Наши глаза слой за слоем покрываются цифровым жирком. Оцифровано все: души, сердца, мысли. Подобное «зрение» уничтожает в зародыше саму возможность про-зрения. Безо́бразное – безобра́зно. Мы разучились считывать образы и видеть указатели на обширные поля цветущих смыслов. Мы не чувствуем пластики словесного танца. Мы торим сомнительные новые тропки, позабыв, что старые не пройдены и на треть. Стоит ли удивляться, что и говорим мы об увиденном мертвыми, разлагающимися словами?
Гумилев, сто лет назад сказавший о том, что слово втиснуто «в узкие пределы естества», возможно, не подозревал, насколько актуальны эти строки сейчас. Что, кроме Слова, может противостоять Великой Цифре? Что, кроме Образа, может прополоскать нашу сетчатку, чтобы увидеть мир впервые и совершить самое сложное – назвать дерево деревом, а собаку собакой? Только Слово. И чтобы это Слово не повисло в безвоздушном вакууме, необходимо равномасштабное ему Слово о Слове.

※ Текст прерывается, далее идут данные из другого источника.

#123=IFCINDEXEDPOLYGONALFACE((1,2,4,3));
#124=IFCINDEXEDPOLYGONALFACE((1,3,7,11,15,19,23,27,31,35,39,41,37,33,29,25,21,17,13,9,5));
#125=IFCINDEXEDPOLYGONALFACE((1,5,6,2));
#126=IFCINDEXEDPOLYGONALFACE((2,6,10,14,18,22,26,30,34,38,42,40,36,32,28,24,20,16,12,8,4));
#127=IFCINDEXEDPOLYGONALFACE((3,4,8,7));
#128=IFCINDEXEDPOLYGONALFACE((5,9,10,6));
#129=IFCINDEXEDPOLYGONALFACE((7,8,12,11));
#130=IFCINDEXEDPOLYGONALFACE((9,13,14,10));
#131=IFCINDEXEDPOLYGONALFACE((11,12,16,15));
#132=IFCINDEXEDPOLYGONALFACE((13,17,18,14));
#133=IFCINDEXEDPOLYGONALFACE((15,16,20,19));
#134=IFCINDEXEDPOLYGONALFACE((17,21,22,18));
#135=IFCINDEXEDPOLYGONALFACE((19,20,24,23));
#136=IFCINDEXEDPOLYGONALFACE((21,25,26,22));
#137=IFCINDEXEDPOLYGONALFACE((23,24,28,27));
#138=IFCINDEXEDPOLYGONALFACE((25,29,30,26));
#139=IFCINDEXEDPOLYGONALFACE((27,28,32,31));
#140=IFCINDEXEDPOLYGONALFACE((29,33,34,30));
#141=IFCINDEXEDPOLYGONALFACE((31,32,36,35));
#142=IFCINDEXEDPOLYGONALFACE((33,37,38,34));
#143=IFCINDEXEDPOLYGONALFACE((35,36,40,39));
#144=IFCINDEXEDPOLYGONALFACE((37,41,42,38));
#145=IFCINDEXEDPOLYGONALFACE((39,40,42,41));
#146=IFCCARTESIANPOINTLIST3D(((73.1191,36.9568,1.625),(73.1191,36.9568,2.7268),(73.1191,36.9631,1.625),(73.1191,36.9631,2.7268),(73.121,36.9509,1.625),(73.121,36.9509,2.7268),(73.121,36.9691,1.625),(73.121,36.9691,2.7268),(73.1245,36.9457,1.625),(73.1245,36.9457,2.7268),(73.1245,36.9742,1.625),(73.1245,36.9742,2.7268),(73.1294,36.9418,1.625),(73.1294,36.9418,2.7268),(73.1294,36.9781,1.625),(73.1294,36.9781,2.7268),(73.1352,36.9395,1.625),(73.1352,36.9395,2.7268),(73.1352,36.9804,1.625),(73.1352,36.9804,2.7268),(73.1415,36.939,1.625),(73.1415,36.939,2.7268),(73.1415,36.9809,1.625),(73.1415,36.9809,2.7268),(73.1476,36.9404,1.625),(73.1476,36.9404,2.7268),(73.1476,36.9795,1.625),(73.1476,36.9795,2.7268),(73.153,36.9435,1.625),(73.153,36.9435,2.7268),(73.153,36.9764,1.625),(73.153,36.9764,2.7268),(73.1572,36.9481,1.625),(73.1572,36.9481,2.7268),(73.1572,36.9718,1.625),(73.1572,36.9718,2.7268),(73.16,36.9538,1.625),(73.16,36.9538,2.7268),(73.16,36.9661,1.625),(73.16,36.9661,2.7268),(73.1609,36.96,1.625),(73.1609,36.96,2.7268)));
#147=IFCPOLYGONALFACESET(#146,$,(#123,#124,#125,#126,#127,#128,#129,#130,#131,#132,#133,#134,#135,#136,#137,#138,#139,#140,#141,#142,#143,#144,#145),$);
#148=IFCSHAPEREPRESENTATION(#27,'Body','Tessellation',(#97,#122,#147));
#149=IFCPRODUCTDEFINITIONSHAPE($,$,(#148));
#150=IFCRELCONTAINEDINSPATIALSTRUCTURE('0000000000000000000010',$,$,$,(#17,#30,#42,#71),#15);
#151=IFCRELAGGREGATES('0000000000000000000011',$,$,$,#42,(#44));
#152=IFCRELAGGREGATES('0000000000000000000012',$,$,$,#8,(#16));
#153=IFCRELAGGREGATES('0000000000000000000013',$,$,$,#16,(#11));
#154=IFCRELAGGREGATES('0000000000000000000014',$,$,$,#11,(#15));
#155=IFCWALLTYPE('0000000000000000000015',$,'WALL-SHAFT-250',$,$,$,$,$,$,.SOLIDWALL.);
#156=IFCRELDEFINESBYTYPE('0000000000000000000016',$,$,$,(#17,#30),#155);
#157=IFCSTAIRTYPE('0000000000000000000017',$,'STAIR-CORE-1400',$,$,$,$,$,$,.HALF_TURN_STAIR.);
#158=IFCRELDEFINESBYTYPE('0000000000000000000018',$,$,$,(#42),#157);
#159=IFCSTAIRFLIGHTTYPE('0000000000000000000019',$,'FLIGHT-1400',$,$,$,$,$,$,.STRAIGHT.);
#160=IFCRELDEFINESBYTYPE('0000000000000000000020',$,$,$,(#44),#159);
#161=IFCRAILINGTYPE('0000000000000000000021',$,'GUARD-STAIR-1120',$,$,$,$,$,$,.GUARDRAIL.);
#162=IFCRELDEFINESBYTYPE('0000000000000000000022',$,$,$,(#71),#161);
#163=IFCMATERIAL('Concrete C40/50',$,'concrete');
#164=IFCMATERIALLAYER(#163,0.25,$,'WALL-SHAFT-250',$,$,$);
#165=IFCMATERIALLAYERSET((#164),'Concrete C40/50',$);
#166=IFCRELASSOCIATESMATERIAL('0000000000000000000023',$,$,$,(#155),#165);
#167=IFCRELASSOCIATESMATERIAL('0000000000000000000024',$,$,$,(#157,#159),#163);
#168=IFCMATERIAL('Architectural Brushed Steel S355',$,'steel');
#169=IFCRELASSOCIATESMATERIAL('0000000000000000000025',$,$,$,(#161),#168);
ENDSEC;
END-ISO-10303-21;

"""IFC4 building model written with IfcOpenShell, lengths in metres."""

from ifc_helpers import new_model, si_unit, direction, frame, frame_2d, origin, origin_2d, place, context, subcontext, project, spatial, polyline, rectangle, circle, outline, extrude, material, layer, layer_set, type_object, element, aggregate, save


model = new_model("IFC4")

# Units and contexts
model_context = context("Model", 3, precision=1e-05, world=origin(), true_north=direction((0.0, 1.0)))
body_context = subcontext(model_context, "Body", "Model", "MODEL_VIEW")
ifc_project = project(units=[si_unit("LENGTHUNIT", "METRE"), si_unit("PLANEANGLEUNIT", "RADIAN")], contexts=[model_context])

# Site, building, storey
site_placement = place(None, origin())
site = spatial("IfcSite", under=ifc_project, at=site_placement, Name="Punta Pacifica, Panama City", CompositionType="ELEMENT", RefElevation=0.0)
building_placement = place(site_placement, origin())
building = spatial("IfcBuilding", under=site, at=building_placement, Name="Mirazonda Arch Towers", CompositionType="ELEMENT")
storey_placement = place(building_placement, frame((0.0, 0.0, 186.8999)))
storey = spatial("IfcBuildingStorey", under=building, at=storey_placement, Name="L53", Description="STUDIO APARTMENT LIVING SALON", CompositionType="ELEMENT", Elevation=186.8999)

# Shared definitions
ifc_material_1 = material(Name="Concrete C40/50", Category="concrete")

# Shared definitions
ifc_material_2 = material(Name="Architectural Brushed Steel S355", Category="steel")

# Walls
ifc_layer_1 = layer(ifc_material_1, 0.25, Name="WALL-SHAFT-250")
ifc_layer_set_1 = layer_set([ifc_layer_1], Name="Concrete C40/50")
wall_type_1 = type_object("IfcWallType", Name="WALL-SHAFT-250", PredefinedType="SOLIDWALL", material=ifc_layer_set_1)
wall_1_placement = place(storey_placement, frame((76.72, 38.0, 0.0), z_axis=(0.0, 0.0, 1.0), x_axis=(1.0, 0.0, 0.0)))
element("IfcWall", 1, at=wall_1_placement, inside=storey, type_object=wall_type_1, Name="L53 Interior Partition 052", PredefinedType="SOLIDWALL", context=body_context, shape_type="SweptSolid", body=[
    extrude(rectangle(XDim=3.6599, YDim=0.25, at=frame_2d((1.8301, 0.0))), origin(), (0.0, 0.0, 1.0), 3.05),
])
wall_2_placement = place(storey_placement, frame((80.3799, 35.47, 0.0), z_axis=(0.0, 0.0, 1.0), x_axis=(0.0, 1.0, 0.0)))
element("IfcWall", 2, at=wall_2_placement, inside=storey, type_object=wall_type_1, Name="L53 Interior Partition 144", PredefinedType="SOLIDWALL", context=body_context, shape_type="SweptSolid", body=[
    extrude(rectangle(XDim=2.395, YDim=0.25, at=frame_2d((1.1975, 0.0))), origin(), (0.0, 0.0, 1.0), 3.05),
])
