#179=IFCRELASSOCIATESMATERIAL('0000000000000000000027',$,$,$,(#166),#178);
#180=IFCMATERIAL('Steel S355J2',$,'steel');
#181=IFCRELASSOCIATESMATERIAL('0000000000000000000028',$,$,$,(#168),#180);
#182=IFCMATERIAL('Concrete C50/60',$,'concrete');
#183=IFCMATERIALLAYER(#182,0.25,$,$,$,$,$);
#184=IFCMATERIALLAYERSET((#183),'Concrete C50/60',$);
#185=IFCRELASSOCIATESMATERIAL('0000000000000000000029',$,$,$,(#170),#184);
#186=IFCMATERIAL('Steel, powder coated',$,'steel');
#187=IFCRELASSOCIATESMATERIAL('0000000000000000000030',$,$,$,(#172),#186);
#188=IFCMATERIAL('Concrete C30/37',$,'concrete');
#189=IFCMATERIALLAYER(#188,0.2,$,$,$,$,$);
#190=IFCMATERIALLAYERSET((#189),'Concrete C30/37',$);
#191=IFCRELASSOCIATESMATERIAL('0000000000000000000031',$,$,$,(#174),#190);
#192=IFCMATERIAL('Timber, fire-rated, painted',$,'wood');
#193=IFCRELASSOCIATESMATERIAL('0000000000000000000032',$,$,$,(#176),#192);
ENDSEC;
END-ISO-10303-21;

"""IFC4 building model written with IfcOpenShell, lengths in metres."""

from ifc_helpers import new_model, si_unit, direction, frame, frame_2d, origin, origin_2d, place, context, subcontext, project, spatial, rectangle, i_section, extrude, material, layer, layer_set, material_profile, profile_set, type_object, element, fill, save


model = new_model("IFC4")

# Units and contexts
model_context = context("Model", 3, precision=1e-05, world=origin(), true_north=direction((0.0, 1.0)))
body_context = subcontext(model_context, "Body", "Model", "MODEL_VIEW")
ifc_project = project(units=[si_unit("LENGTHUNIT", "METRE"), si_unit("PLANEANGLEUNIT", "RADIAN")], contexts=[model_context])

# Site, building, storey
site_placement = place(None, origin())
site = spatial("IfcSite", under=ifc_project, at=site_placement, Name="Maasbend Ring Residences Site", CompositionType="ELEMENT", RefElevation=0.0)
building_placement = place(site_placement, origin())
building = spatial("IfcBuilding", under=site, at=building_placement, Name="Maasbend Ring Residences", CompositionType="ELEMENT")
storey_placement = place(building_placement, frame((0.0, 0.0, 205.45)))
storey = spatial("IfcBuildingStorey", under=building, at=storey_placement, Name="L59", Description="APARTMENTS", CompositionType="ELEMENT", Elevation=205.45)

Это для механистичного литературного процесса критика – институция, винтик. Для всех, заброшенных в нее и заброшенных в ней, – это зона, где ты – сталкер, даже если идешь на ощупь. Ты – сталкер, но ты и ведомый, и, даст бог, кто-то к тебе присоединится.
И может быть, на полях зрения снова зацветут дивные цветы метафор.
А еще в тебе столько «Я», что «Ты» просто необходимо. Другие – это ад, но в нем, так или иначе, горишь, а не гниешь. Ты пишешь рецензию, ты заинтересовался Другим и стал менее интересен себе. Ты окунулся в прорубь чужого говорения, кожей ощутил особенность состава воды в этой проруби – и вот ты выходишь иным.
Истины нет и быть не может. Но потребность в истине существует в человеке, если в нем окончательно не победило «человеческое, слишком человеческое», на равных правах с неотменимыми биологическими потребностями. И поэтому единственное, что остается – это возвести в ранг истины свою собственную правду. Но какой будет эта правда? Эгоцентрично-легковесной или пережитой и выстраданной? Дистиллированной водичкой или позвоночным кипятком, в котором перекипели тысячи чужих правд?
Правда творчества. Правда Слова. Правдивее нет ничего. Добормотаться до такой правды тяжело, но на выходе – кайф нефильтрованный. И нет ничего случайней и подлинней этого бормотания.
Будучи неисправимым идеалистом, я хочу видеть литературу совокупностью таких правд.
Что до меня, то я стараюсь говорить – по возможности полновесно, по возможности огибая соблазны впасть в треп и пустобрехство – о том, о чем только и можно говорить – о прекрасном и о страшном. В рифму и не в рифму. Руководствуясь наивно-максималистским, но единственно возможным посылом: «Ни о чем ничего не узнают, если я обо всем не скажу».
«После чтения его стихов надо много есть, восстанавливая силы», – говорила Цветаева о Маяковском. Приступая к любому своему тексту, я хочу, чтобы, прочитав его, люди шли опустошать холодильники, затратив на рецепцию непосредственно физическую энергию. Это залог неподдельной сопричастности, без которой не выжить в нашем, полном дурной избыточности и хищных вещей, мире.